Ralph DePalma won a five-mile free-for-all race in his Fiat. This was apparently a close race with - I believe - George Robertson driving a Simplex to second. The article says "Roberts" drove a Simplex to second but I believe this is a typo.
Harroun's victory in the 100-miler apparently was a hard fought contest with Frank Seifert driving a Dorris. Harroun reportedly pulled ahead and extended his lead after 95 laps. His time was a new national speedway record for the distance, eclipsing his own record set at the Atlanta speedway the previous November. He finished the 100 miles at one hour, 25 minutes and 22.1 seconds. That was 4:46.21 faster than the Atlanta go. Seifert reportedly lost control of his car after the race, apparently storming into the paddock area at too high a rate of speed and "turning turtle." That phrase typically meant that the car turned over. According to the article Seiffert had "tired arms" after the grueling drive. There were no other accidents during the day.
The article reports that a ten-mile stock race was also staged with a driver by the name of Endicott winning in a Cole. Although no first name is provided and there were two Endicott brothers - "Farmer" Bill and Harry - I believe this is most likely Bill's win. I say this because Bill was the older and more established driver at the time. This was a stock car race for engines of 161-230 piston displacement and the winner's time was another new record at 9:03.25, besting a time for this class of 9:49.46 at Atlanta speedway.

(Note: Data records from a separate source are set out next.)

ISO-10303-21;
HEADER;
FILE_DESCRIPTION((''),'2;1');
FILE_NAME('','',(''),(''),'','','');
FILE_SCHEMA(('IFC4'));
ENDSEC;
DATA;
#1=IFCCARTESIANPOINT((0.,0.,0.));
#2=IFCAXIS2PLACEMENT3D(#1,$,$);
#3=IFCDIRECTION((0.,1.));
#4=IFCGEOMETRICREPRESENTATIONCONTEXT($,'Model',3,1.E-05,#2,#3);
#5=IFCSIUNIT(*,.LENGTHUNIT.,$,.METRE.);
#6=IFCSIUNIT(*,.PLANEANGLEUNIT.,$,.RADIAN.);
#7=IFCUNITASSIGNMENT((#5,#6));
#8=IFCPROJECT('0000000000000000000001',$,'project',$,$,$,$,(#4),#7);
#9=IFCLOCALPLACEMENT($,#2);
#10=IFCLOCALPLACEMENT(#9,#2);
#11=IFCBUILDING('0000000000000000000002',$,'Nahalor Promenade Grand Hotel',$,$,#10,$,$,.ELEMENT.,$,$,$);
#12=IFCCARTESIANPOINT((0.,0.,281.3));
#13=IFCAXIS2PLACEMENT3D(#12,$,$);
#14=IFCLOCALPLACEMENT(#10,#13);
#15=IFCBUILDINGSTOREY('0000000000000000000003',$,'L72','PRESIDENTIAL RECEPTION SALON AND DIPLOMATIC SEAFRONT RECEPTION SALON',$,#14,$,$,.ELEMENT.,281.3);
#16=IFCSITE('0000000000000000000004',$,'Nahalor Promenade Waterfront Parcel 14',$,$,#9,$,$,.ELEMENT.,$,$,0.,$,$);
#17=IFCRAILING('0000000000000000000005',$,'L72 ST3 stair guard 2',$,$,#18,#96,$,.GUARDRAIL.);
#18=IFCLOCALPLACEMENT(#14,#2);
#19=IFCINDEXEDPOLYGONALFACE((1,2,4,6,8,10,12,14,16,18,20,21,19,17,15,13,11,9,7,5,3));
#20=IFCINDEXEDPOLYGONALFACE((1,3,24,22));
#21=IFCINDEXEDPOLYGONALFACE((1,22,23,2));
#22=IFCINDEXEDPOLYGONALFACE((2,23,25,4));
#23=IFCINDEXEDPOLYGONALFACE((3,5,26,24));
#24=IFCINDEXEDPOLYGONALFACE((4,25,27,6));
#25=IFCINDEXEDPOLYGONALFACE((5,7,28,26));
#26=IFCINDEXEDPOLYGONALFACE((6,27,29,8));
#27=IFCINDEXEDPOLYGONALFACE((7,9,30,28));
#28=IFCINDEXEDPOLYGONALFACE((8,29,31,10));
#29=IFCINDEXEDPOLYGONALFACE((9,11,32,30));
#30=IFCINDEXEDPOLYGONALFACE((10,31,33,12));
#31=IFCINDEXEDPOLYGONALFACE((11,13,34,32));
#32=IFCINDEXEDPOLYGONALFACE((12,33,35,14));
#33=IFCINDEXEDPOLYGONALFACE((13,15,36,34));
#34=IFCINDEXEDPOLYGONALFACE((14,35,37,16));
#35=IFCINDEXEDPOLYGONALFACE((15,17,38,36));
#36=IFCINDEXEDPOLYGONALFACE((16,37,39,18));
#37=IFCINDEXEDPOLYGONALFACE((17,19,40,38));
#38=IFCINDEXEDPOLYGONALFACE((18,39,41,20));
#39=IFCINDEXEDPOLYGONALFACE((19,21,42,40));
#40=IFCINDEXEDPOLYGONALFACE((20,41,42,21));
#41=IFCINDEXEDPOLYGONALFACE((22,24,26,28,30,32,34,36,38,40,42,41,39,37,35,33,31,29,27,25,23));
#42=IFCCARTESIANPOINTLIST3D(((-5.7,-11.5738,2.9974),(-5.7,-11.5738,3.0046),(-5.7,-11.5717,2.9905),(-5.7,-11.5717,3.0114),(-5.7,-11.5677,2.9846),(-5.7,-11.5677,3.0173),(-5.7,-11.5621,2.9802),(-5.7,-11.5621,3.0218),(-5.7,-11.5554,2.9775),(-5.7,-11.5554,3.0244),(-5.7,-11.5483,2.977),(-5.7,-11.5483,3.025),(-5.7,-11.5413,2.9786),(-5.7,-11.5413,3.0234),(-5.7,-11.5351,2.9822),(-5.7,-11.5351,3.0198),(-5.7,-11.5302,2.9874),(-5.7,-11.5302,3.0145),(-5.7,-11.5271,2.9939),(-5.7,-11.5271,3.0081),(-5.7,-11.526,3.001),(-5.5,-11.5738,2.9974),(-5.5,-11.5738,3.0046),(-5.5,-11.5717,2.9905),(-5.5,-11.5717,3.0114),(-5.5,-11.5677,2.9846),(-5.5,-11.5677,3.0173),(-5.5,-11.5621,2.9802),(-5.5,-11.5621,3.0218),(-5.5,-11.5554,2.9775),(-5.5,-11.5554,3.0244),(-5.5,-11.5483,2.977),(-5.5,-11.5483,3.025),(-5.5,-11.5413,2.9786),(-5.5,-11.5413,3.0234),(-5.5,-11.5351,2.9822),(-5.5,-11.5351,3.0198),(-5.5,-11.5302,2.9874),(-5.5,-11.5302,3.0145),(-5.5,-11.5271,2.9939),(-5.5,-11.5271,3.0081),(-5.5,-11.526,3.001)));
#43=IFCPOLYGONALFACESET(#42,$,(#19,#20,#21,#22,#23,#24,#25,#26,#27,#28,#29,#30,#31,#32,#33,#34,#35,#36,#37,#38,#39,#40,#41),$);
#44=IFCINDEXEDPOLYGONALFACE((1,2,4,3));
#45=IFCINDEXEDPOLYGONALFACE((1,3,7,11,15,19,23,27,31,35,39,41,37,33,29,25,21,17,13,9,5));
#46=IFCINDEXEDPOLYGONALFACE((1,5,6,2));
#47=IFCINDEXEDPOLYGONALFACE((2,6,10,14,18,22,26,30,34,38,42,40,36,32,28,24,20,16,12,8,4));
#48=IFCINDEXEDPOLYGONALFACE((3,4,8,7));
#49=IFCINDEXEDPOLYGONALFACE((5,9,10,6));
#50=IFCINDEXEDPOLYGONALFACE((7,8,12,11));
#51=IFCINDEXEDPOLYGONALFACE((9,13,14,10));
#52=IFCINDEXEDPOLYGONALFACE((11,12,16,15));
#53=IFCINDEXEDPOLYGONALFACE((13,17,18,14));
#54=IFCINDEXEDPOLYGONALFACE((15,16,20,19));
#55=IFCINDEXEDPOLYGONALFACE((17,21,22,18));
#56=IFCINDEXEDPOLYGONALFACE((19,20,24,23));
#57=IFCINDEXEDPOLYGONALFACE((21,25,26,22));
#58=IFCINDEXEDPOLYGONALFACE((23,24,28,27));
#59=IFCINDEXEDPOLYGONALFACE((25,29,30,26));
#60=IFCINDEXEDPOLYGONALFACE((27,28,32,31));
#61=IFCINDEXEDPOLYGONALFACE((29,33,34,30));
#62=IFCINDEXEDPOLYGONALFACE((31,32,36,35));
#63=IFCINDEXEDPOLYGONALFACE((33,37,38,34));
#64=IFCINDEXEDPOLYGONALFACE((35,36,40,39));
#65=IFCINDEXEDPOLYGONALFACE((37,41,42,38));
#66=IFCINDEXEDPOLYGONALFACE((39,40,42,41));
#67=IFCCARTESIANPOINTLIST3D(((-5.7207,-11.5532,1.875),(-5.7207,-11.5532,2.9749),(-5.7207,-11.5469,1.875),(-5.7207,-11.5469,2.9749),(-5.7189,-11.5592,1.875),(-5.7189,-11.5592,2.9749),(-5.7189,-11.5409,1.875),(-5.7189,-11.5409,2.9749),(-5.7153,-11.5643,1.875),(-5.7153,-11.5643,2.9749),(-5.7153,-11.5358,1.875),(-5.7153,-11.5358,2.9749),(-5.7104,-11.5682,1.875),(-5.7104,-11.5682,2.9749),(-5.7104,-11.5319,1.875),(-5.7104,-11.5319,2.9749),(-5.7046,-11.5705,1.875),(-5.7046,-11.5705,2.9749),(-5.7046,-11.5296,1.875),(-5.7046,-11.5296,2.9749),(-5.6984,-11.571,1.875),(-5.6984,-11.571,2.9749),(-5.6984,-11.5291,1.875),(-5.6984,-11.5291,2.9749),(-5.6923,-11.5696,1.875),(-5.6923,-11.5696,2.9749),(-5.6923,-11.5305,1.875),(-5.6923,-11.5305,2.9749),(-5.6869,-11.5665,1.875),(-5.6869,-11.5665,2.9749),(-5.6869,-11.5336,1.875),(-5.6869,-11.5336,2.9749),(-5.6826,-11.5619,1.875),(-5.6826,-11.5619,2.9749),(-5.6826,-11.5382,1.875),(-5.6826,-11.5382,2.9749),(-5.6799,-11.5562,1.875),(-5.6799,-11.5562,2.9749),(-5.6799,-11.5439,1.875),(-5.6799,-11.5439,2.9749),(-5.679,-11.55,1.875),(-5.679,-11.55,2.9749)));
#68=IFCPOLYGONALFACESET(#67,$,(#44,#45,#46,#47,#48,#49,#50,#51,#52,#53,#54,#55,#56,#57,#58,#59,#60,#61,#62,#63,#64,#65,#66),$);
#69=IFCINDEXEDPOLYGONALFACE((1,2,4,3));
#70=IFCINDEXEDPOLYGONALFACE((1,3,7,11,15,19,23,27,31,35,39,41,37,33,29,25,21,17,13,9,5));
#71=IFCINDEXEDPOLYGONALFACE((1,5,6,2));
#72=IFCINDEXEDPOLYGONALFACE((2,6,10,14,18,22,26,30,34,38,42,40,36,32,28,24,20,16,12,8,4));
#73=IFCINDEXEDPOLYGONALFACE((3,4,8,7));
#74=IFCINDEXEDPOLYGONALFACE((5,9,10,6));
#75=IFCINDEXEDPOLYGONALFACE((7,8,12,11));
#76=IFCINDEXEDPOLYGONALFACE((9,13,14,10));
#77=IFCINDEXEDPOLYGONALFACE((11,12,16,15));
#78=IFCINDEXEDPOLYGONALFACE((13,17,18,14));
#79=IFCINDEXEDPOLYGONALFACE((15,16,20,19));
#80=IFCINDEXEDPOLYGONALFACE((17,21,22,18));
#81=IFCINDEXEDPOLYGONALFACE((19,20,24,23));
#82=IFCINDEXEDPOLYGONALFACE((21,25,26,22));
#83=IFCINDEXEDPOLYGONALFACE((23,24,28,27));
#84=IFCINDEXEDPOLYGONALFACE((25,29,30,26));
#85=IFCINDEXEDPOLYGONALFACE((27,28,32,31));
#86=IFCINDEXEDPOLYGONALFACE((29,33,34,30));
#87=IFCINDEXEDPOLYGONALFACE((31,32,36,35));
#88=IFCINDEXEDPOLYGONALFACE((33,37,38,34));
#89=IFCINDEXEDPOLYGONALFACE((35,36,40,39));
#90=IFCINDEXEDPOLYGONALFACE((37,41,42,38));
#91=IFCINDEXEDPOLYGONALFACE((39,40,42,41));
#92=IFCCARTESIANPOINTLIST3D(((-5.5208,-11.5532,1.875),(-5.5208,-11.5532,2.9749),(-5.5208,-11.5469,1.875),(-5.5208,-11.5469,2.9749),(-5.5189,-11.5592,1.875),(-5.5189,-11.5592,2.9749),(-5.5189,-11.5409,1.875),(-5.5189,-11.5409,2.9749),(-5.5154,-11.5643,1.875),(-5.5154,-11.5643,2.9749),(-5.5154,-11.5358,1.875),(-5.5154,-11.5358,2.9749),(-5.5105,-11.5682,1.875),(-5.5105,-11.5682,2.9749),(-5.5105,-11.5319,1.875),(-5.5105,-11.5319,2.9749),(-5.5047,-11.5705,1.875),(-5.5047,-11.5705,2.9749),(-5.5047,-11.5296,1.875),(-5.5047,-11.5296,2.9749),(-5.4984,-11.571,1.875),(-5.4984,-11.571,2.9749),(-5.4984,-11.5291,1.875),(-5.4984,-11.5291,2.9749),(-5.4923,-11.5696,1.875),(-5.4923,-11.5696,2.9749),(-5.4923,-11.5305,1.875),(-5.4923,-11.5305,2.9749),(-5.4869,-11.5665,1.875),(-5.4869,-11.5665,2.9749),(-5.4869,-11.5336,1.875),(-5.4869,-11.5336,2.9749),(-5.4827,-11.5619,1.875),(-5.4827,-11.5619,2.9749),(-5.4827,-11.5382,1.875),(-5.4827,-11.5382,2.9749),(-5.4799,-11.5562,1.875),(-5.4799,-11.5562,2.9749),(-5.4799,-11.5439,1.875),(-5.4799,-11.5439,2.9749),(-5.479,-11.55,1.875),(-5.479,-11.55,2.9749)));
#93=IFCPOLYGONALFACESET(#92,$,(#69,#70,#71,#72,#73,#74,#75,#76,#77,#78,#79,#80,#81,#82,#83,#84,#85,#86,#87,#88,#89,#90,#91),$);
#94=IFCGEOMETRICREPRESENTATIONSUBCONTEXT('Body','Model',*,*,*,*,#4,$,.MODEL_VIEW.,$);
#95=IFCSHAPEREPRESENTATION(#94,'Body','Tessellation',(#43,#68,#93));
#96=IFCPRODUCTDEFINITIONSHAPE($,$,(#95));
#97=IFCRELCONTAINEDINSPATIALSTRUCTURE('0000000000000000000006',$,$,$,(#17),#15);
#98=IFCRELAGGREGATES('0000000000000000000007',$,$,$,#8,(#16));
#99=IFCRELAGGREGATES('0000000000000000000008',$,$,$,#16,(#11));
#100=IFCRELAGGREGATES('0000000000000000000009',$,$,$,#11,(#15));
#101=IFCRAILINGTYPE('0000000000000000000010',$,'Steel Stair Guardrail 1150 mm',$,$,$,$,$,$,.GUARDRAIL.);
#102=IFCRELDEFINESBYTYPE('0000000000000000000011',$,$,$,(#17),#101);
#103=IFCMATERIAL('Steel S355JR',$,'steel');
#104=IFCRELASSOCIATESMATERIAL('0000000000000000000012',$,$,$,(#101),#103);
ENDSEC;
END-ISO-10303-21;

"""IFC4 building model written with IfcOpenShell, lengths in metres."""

from ifc_helpers import new_model, si_unit, direction, frame, origin, origin_2d, place, context, subcontext, project, spatial, circle, extrude, material, type_object, element, save


model = new_model("IFC4")

# Units and contexts
model_context = context("Model", 3, precision=1e-05, world=origin(), true_north=direction((0.0, 1.0)))
body_context = subcontext(model_context, "Body", "Model", "MODEL_VIEW")
ifc_project = project(units=[si_unit("LENGTHUNIT", "METRE"), si_unit("PLANEANGLEUNIT", "RADIAN")], contexts=[model_context])

# Site, building, storey
site_placement = place(None, origin())
site = spatial("IfcSite", under=ifc_project, at=site_placement, Name="Nahalor Promenade Waterfront Parcel 14", CompositionType="ELEMENT", RefElevation=0.0)
building_placement = place(site_placement, origin())
building = spatial("IfcBuilding", under=site, at=building_placement, Name="Nahalor Promenade Grand Hotel", CompositionType="ELEMENT")
storey_placement = place(building_placement, frame((0.0, 0.0, 281.3)))
storey = spatial("IfcBuildingStorey", under=building, at=storey_placement, Name="L72", Description="PRESIDENTIAL RECEPTION SALON AND DIPLOMATIC SEAFRONT RECEPTION SALON", CompositionType="ELEMENT", Elevation=281.3)

# Shared definitions
ifc_material_1 = material(Name="Steel S355JR", Category="steel")

# Railing
railing_type_1 = type_object("IfcRailingType", Name="Steel Stair Guardrail 1150 mm", PredefinedType="GUARDRAIL", material=ifc_material_1)
railing_1_placement = place(storey_placement, frame((-5.7, -11.55, 1.875)))
element("IfcRailing", 1, at=railing_1_placement, inside=storey, type_object=railing_type_1, Name="L72 ST3 stair guard 2", PredefinedType="GUARDRAIL", context=body_context, shape_type="SweptSolid", body=[
    extrude(circle(Radius=0.024, at=origin_2d()), frame((0.0, 0.0, 1.126), z_axis=(1.0, 0.0, 0.0), x_axis=(0.0, 1.0, 0.0)), (0.0, 0.0, 1.0), 0.2),
    extrude(circle(Radius=0.021, at=origin_2d()), origin(), (0.0, 0.0, 1.0), 1.0999),
    extrude(circle(Radius=0.021, at=origin_2d()), frame((0.2, 0.0, 0.0)), (0.0, 0.0, 1.0), 1.0999),
])

save(model, "model.ifc")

All of these records were set despite what was described as less than ideal weather conditions. The day was reportedly cold and cloudy with a strong wind.
The names of officials are provided, all noteworthy in their day. S.B. Stevens was referee, American Automobile Association Contest Board Chairman Sam Butler was honorary referee. Other reports indicate that Butler's west coast trip - he was based in New York - was part of a research tour to assess the feasibility of a AAA-sanctioned racing series in that region of the country. Fred Wagner, the legendary AAA starter, flagged the races. This article concludes with a nicely organized list of the events, winners, cars, classes and finishing times already described here. It's a handy reference.
The second, smaller article, reports on the Logansport, Indiana hill climb. The article indicates it was "part of the automoible show" with no explanation. It may be that it was associated with the Indianapolis Automobile Show but given the dateline is April 8 and the show ended with its banquet on April 2 that seems out of sync. Also, the auto show was in Indianapolis and Logansport is as much as 80 miles away - a major trip in those days of low horsepower and poor road conditions.
The races, which apparently drew no drivers of significant reputation, were staged at College Hill. This venue reportedly had a "30 percent grade" and was 1,450 feet long. Apparently there were three events, two won by a Buick the third by a National. The events were organized as "class 1," for cars costing less than $1,000; "class 2" for cars costing $2,000 or less and a free-for-all competition. Herbert Dunn drove his Buick to victory in class 1; Charles Grant drove another Buick to victory in class 2 and Bishop (no first name provided) drove his National to triumph in the free-for-all. There were reportedly about 5,000 spectators on hand.
The event suffered from controversy. Jeffers (again, no first name) drove a Parry in the free-for-all and despite four attempts the electric timing device used by officials failed each time. His time was never captured. Apparently there were no accidents.